Following on from Regeneration and The Eye in the Door, Barker keep this book more tightly focused on Billy Prior and Dr. William Rivers. Prior has, despite the asthma and the shell shock that originally landed him in the Craigslockhart hospital, managed to pass muster to be sent back to the front lines. Most of his section of the book is related as journal entries he makes. They're dated, raising the question of whether he's going to survive until the Armistice or not.
The issues Prior had in the second book, where he lost chunks of time as a second personality or alter emerged, are absent. Prior had been intent on going back into combat, rejecting offers of a Ministry desk job , seemingly because he wants to prove he hasn't cracked. So perhaps having been granted the opportunity has settled the more acerbic alter that kept taking control.
I don't think it's a matter of Prior being at peace with himself, because that's not how Barker writes him. Prior seems in a constant state of agitation, like he can't help provoking reactions in others, and then can't help feeling a bit guilty about it after. We see a letter he sent to Rivers near the end of the book, where he makes a caustic reference to something Rivers brought up about how men like Prior will be the test of whether anything the psychologists did actually helped. On the next page, Prior notes he took the wrong tone, but had no time to get it right.

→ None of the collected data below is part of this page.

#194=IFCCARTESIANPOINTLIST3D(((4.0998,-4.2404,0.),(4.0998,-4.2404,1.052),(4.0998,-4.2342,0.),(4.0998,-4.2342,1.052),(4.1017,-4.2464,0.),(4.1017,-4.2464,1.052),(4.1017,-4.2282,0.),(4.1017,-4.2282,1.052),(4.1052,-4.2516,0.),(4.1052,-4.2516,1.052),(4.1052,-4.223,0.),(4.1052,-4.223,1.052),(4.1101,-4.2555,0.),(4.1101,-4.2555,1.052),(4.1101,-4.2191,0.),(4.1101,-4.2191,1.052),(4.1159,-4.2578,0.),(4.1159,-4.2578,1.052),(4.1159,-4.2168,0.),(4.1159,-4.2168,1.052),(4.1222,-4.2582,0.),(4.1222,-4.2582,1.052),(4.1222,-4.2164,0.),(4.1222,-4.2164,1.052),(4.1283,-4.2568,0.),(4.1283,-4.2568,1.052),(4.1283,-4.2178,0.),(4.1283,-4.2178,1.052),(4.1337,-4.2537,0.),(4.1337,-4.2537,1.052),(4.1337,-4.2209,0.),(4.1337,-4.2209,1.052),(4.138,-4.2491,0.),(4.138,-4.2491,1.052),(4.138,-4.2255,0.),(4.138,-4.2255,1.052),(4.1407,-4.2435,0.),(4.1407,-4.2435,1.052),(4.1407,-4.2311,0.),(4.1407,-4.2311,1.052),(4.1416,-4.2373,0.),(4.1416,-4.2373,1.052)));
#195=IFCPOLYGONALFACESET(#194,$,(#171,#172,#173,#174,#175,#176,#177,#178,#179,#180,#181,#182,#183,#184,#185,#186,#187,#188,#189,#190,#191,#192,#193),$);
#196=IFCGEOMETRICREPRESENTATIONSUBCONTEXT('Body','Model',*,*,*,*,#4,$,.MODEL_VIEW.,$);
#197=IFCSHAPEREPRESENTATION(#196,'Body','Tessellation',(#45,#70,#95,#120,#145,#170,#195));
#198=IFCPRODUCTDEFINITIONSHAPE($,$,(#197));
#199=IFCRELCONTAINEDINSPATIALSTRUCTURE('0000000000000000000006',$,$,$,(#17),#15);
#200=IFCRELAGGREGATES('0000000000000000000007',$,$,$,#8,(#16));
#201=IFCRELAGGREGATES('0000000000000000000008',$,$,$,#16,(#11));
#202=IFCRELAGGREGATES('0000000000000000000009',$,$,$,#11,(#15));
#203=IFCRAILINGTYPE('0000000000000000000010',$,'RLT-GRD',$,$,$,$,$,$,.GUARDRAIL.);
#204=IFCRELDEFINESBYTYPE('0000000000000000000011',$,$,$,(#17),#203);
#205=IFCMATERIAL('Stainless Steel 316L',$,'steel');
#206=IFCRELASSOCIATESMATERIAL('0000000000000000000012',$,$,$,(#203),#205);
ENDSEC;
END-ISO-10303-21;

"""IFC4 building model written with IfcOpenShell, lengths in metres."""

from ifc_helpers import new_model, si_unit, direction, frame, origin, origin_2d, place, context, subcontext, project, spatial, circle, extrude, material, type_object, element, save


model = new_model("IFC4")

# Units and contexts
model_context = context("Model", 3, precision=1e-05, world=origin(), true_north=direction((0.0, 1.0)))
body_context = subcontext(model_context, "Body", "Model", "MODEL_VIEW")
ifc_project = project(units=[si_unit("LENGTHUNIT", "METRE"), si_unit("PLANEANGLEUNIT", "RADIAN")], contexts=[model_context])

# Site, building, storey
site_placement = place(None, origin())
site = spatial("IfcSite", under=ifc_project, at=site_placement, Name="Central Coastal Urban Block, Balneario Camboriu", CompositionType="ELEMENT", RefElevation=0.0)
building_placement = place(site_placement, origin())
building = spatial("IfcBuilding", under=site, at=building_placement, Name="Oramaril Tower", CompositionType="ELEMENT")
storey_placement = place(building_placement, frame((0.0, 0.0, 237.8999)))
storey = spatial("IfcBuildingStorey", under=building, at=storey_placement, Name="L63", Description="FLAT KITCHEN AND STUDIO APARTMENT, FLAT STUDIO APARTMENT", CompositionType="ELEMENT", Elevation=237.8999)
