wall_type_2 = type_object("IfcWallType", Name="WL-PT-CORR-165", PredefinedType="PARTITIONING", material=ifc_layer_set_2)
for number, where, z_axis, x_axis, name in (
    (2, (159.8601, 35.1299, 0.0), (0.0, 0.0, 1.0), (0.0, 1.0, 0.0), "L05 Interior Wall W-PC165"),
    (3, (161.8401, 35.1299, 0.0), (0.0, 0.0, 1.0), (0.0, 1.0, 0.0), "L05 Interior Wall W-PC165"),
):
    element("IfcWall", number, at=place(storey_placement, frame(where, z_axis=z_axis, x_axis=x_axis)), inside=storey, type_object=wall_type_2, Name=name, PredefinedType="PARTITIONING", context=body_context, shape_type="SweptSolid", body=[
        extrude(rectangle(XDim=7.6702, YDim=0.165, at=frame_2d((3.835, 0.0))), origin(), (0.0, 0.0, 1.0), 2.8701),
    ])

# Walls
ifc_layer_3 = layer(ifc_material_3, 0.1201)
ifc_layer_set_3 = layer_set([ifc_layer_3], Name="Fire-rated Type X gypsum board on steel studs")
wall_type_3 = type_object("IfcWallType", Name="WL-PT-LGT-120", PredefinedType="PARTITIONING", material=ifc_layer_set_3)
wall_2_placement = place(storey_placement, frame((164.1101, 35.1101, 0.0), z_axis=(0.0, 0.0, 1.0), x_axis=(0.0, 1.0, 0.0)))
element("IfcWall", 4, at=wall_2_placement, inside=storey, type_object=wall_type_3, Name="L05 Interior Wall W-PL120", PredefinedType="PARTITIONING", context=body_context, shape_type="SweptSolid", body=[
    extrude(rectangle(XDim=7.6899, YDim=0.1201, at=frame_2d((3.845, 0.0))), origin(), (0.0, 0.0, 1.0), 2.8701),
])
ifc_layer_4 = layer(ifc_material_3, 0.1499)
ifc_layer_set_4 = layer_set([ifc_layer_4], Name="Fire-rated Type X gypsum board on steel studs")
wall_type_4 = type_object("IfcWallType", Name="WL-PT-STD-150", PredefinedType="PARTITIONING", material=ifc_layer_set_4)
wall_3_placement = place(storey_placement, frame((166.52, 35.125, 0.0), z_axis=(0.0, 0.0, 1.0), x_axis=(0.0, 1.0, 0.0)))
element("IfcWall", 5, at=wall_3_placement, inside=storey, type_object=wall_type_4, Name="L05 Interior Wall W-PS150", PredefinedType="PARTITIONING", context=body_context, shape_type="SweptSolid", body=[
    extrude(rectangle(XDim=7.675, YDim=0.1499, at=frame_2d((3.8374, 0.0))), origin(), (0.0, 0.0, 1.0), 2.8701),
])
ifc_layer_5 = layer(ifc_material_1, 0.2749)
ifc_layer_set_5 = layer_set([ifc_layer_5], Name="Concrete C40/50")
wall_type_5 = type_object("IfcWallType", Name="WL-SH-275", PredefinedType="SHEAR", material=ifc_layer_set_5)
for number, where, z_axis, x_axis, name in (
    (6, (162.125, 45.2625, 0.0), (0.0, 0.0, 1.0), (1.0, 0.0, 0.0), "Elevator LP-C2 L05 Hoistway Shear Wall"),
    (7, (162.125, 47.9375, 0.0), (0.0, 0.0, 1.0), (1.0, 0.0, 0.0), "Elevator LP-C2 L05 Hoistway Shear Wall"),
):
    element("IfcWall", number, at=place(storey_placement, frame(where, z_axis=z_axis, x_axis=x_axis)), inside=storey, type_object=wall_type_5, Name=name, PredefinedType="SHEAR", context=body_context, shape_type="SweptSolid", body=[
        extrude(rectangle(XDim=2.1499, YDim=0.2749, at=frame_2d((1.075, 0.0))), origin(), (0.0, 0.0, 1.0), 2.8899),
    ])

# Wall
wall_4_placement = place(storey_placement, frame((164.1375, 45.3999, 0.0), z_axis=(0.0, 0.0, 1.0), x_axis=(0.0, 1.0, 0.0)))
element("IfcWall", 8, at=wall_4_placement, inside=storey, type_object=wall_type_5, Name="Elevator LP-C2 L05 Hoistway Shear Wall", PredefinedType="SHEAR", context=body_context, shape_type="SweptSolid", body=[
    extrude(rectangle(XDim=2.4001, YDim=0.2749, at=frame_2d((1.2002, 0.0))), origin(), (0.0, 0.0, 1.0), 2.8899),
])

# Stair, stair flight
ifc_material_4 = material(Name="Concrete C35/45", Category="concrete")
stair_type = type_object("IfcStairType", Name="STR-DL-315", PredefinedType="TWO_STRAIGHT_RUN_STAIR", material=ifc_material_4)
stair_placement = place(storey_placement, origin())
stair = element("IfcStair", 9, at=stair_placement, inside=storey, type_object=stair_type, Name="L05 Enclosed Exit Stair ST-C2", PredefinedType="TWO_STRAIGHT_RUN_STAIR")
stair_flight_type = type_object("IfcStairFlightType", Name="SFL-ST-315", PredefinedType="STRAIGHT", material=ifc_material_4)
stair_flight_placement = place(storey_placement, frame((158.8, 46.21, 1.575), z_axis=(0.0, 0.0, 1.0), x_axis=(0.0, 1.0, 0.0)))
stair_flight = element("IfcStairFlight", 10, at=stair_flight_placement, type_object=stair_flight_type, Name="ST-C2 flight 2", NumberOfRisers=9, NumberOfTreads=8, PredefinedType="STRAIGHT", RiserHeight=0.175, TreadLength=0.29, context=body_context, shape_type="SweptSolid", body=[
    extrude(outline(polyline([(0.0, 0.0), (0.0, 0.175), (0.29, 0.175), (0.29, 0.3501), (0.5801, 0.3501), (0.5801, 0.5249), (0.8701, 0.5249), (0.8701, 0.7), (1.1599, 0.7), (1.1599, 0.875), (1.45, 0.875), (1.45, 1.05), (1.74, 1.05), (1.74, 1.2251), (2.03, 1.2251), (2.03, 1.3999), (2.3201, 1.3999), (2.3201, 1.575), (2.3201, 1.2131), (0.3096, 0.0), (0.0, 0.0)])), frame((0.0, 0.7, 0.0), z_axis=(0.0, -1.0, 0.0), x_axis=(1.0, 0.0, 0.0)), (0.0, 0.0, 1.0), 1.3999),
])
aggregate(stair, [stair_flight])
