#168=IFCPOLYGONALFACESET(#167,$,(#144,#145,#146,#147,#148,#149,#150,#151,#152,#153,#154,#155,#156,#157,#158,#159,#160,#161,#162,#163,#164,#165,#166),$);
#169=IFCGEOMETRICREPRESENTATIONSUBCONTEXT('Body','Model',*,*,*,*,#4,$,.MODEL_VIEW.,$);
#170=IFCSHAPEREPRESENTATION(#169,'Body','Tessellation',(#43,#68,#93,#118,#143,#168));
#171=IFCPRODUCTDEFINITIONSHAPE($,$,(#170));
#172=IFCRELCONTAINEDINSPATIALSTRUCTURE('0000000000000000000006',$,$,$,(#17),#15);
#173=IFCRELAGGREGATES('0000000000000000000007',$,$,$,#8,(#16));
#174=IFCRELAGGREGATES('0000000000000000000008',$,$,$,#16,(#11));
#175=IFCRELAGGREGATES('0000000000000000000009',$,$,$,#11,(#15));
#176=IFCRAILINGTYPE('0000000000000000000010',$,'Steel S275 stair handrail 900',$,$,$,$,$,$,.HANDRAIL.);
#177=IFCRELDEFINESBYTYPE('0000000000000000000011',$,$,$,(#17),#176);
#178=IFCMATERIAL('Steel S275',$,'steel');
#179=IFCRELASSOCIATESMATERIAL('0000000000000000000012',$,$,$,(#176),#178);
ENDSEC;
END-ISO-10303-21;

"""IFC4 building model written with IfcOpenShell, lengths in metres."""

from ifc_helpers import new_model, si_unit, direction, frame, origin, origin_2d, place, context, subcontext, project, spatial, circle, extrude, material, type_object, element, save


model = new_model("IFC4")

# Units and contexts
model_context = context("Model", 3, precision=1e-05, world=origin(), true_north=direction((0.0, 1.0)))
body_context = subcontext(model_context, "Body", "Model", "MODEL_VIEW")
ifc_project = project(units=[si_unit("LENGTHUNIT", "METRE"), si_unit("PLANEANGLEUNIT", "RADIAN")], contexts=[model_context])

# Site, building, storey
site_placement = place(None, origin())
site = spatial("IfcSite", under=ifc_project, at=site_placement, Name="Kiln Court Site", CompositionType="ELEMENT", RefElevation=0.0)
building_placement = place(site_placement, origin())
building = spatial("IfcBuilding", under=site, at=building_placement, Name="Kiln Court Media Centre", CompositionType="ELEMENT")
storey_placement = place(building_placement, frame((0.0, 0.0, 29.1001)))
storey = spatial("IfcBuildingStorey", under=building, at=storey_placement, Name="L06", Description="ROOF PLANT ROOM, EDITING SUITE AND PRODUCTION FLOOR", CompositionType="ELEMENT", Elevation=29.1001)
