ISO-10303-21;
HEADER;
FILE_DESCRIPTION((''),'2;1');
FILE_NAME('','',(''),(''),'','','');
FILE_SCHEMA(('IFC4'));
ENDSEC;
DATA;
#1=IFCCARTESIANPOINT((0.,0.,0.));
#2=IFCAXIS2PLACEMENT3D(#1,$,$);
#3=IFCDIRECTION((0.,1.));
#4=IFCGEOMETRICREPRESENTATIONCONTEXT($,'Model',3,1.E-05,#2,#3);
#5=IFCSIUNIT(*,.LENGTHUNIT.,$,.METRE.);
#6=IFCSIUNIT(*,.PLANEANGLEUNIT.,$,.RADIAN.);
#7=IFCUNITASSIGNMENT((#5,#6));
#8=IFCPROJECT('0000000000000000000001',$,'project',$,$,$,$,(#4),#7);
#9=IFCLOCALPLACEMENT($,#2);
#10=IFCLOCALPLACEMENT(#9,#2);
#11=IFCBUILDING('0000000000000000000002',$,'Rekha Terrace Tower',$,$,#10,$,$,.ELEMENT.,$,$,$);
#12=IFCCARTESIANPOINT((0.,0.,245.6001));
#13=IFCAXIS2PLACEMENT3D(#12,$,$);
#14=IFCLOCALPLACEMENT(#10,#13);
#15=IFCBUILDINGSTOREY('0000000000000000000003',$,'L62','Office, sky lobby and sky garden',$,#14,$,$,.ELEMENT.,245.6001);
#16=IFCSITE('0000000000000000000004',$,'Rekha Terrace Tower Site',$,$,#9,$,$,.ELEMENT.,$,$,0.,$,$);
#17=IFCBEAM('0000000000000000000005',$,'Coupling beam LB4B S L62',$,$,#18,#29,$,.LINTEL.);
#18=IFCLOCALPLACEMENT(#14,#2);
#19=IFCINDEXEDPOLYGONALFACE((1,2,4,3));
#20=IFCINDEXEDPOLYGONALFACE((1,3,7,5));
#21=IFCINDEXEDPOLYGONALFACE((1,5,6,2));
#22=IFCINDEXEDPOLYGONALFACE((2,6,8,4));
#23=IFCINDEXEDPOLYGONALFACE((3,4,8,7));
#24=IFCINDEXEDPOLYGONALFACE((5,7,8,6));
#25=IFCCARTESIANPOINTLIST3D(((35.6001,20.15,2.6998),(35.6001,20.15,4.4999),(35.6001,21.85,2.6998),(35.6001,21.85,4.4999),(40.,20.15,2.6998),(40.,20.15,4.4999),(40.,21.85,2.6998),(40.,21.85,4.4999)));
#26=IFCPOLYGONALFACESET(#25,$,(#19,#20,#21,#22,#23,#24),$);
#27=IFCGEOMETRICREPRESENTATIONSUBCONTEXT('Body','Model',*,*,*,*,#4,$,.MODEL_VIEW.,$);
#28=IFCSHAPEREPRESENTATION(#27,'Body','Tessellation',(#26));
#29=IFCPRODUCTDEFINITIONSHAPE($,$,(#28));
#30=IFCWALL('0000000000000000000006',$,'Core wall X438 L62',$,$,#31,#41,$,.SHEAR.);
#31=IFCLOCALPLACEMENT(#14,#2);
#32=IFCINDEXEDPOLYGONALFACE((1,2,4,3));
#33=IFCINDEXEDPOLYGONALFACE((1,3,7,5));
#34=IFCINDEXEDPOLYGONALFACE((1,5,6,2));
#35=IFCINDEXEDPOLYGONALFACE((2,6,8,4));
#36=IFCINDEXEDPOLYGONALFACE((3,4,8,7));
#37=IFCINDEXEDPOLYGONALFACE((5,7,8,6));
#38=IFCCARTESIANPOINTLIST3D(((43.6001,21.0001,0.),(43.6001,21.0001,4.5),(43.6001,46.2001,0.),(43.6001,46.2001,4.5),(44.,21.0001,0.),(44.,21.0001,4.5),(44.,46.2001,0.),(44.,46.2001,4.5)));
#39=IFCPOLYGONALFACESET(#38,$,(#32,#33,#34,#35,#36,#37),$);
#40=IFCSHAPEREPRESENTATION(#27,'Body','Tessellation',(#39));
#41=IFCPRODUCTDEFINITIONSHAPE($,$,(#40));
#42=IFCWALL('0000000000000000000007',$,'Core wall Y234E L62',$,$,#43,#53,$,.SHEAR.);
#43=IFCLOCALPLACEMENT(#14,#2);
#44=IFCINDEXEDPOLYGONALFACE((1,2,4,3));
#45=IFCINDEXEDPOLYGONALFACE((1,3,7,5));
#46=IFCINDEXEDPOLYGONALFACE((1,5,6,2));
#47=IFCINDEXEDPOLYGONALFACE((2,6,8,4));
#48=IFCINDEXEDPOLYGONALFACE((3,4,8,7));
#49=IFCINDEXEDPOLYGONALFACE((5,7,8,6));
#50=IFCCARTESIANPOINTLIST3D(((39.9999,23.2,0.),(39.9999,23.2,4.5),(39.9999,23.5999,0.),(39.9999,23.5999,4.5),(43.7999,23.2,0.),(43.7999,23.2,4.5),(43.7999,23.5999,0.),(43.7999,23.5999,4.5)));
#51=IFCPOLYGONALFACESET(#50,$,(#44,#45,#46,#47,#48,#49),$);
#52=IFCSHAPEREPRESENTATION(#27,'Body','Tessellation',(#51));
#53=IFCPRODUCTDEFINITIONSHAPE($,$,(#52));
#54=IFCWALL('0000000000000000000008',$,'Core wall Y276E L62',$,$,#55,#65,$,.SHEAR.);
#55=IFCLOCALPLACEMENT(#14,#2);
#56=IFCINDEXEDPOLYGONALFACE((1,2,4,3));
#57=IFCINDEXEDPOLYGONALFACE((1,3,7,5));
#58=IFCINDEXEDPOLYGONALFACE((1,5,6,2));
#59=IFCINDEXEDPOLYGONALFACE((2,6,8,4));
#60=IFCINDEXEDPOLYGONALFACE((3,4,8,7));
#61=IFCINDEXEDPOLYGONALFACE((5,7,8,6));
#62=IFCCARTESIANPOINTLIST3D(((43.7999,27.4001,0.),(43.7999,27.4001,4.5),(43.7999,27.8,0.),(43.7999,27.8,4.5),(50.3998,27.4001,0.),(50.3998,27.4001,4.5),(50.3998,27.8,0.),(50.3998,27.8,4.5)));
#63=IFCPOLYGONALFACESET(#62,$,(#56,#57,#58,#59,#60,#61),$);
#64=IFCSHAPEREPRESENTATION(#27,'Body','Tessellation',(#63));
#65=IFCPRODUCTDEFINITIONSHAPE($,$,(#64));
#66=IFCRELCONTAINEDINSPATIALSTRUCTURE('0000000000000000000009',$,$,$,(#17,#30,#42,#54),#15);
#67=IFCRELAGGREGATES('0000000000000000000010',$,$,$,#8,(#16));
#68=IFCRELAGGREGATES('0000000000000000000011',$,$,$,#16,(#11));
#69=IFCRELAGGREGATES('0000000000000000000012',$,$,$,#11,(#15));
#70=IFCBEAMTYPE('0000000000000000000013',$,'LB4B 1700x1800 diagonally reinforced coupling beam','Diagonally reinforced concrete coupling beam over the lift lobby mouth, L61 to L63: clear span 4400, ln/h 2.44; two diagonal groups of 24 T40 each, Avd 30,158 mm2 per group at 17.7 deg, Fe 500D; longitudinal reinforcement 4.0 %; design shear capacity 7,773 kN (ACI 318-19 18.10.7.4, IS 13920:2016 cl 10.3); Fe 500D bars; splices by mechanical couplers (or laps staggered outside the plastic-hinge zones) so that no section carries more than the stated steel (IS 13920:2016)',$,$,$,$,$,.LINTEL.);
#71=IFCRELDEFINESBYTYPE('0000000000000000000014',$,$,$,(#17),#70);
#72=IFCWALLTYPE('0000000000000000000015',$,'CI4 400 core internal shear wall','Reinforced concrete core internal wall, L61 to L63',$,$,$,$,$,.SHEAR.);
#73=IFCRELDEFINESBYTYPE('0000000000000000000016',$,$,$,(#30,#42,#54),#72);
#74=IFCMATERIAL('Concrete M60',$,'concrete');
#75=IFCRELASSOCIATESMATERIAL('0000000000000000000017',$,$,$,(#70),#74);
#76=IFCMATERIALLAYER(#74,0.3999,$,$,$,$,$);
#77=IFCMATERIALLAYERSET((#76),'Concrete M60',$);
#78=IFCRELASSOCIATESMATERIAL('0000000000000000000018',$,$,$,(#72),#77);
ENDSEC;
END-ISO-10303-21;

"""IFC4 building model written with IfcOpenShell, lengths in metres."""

from ifc_helpers import new_model, si_unit, direction, frame, frame_2d, origin, origin_2d, place, context, subcontext, project, spatial, rectangle, extrude, material, layer, layer_set, material_profile, profile_set, type_object, element, save


model = new_model("IFC4")

# Units and contexts
model_context = context("Model", 3, precision=1e-05, world=origin(), true_north=direction((0.0, 1.0)))
body_context = subcontext(model_context, "Body", "Model", "MODEL_VIEW")
ifc_project = project(units=[si_unit("LENGTHUNIT", "METRE"), si_unit("PLANEANGLEUNIT", "RADIAN")], contexts=[model_context])

# Site, building, storey
site_placement = place(None, origin())
site = spatial("IfcSite", under=ifc_project, at=site_placement, Name="Rekha Terrace Tower Site", CompositionType="ELEMENT", RefElevation=0.0)
building_placement = place(site_placement, origin())
building = spatial("IfcBuilding", under=site, at=building_placement, Name="Rekha Terrace Tower", CompositionType="ELEMENT")
storey_placement = place(building_placement, frame((0.0, 0.0, 245.6001)))
storey = spatial("IfcBuildingStorey", under=building, at=storey_placement, Name="L62", Description="Office, sky lobby and sky garden", CompositionType="ELEMENT", Elevation=245.6001)

# Beam
ifc_material_1 = material(Name="Concrete M60", Category="concrete")
ifc_material_profile = material_profile(ifc_material_1, rectangle(XDim=1.7, YDim=1.8, at=origin_2d()), Name="RC 1700x1800")
ifc_profile_set = profile_set([ifc_material_profile], Name="Concrete M60")
beam_type = type_object("IfcBeamType", Name="LB4B 1700x1800 diagonally reinforced coupling beam", Description="Diagonally reinforced concrete coupling beam over the lift lobby mouth, L61 to L63: clear span 4400, ln/h 2.44; two diagonal groups of 24 T40 each, Avd 30,158 mm2 per group at 17.7 deg, Fe 500D; longitudinal reinforcement 4.0 %; design shear capacity 7,773 kN (ACI 318-19 18.10.7.4, IS 13920:2016 cl 10.3); Fe 500D bars; splices by mechanical couplers (or laps staggered outside the plastic-hinge zones) so that no section carries more than the stated steel (IS 13920:2016)", PredefinedType="LINTEL", material=ifc_profile_set)
beam_placement = place(storey_placement, frame((35.6001, 21.0, 3.5999), z_axis=(1.0, 0.0, 0.0), x_axis=(0.0, 1.0, 0.0)))
element("IfcBeam", 1, at=beam_placement, inside=storey, type_object=beam_type, Name="Coupling beam LB4B S L62", PredefinedType="LINTEL", context=body_context, shape_type="SweptSolid", body=[
    extrude(rectangle(XDim=1.7, YDim=1.8, at=origin_2d()), origin(), (0.0, 0.0, 1.0), 4.3999),
])

# Walls
ifc_layer_1 = layer(ifc_material_1, 0.3999)
ifc_layer_set_1 = layer_set([ifc_layer_1], Name="Concrete M60")
wall_type_1 = type_object("IfcWallType", Name="CI4 400 core internal shear wall", Description="Reinforced concrete core internal wall, L61 to L63", PredefinedType="SHEAR", material=ifc_layer_set_1)
wall_1_placement = place(storey_placement, frame((43.8, 21.0, 0.0), z_axis=(0.0, 0.0, 1.0), x_axis=(0.0, 1.0, 0.0)))
element("IfcWall", 2, at=wall_1_placement, inside=storey, type_object=wall_type_1, Name="Core wall X438 L62", PredefinedType="SHEAR", context=body_context, shape_type="SweptSolid", body=[
    extrude(rectangle(XDim=25.2, YDim=0.3999, at=frame_2d((12.6001, 0.0))), origin(), (0.0, 0.0, 1.0), 4.5),
])
wall_2_placement = place(storey_placement, frame((40.0, 23.3999, 0.0), z_axis=(0.0, 0.0, 1.0), x_axis=(1.0, 0.0, 0.0)))
element("IfcWall", 3, at=wall_2_placement, inside=storey, type_object=wall_type_1, Name="Core wall Y234E L62", PredefinedType="SHEAR", context=body_context, shape_type="SweptSolid", body=[
    extrude(rectangle(XDim=3.8, YDim=0.3999, at=frame_2d((1.8999, 0.0))), origin(), (0.0, 0.0, 1.0), 4.5),
])
wall_3_placement = place(storey_placement, frame((43.8, 27.6001, 0.0), z_axis=(0.0, 0.0, 1.0), x_axis=(1.0, 0.0, 0.0)))
element("IfcWall", 4, at=wall_3_placement, inside=storey, type_object=wall_type_1, Name="Core wall Y276E L62", PredefinedType="SHEAR", context=body_context, shape_type="SweptSolid", body=[
    extrude(rectangle(XDim=6.5999, YDim=0.3999, at=frame_2d((3.2998, 0.0))), origin(), (0.0, 0.0, 1.0), 4.5),
])

save(model, "model.ifc")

It reminds me of some of the stuff I've read about Hemingway, where he'd accuse a friend of hateful stuff in a letter, then apologize to them 3 paragraphs later in the same letter. Don't know what that says about Prior, except maybe he had problems before he ever went to war.
As for Rivers, he's still treating other patients, but much of the book devoted to him focuses on an anthropological study he and another man did of a group of islanders in Melanesia before the war. Head hunting featured prominently in the island's culture, but the British have outlawed it since colonizing the islands. Rivers feels like the prohibition of it has robbed the islanders of a certain level of vitality, and their cultural practices are also not quite adjusted for the new circumstances. Like the practices were necessary for the survival of these people, and a consistent alternative hasn't been found.
It seems to relate to Rivers "fixing" men like Prior so they can return to charging into machine gun fire. Guilt seems to factor heavily in the issues of his patients, going back to Siegfried Sassoon seeing the ghosts of men he knew on the battlefield, demanding to know why he's not there. I'm not clear on the link, however. Is it that it's ultimately destructive to have a practice where a widow must sit alone in a small house after the husband dies unless someone brings a head, like it's destructive to encourage people to go to war, but it's worse to try and take that away?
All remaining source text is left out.